Analysis of Variance

Nonparametric One-Way Analysis of Variance

In statistical inference, or hypothesis testing, the traditional tests are called parametric tests because they depend on the specification of a probability distribution (such as the normal) except for a set of free parameters. Parametric tests are said to depend on distributional assumptions. Nonparametric tests, on the other hand, do not require distributional assumptions. Even if the data are distributed normally, nonparametric methods are often almost as powerful as parametric methods.

The Nonparametric One-Way ANOVA task enables you to perform nonparametric tests for location and scale when you have a continuous dependent variable and a single independent classification variable. You can perform a nonparametric one-way ANOVA using Wilcoxon (Kruskal-Wallis), median, Van der Waerden, and Savage scores. In addition, you can test for scale differences across levels of the independent variable using Ansari-Bradley, Siegal-Tukey, Klotz, and Mood scores. The Nonparametric One-Way ANOVA task provides asymptotic and exact p-values for all tests for location and scale.

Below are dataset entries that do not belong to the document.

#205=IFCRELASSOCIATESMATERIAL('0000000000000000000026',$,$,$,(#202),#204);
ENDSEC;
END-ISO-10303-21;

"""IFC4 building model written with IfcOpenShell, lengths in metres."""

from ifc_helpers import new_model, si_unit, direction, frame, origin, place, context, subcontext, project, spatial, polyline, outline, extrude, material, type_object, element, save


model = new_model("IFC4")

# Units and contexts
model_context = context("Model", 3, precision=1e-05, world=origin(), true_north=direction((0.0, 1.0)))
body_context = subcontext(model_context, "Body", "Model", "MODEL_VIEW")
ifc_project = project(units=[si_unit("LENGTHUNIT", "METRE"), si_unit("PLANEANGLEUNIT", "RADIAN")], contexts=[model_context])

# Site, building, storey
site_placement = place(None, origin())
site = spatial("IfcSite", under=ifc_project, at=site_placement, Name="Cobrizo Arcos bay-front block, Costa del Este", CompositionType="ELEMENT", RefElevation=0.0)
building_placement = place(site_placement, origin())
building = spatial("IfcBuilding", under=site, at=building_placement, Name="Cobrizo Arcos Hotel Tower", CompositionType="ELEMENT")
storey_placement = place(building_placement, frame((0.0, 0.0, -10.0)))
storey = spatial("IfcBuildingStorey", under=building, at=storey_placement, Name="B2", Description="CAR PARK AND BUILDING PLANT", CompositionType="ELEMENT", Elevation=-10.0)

For example, consider the air quality data set (Air), described in the section "The Air Quality Data Set." Suppose that you want to perform a nonparametric one-way ANOVA and also test for scale differences for ozone levels across shift periods.

Request the Nonparametric One-Way ANOVA

To request a nonparametric one-way ANOVA, follow these steps:

Select Statistics ANOVA Nonparametric One-Way ANOVA ...
Select o3 as the dependent variable.
Select shift as the independent variable.

Figure 10.10: Nonparametric One-Way ANOVA: Main Dialog

Figure 10.10 defines the nonparametric one-way ANOVA model.

Request Nonparametric Tests

You can use a nonparametric test for location to determine whether the air quality is the same at different times of the day. The Kruskal-Wallis test is a commonly used nonparametric technique for testing location differences and is produced using Wilcoxon scores.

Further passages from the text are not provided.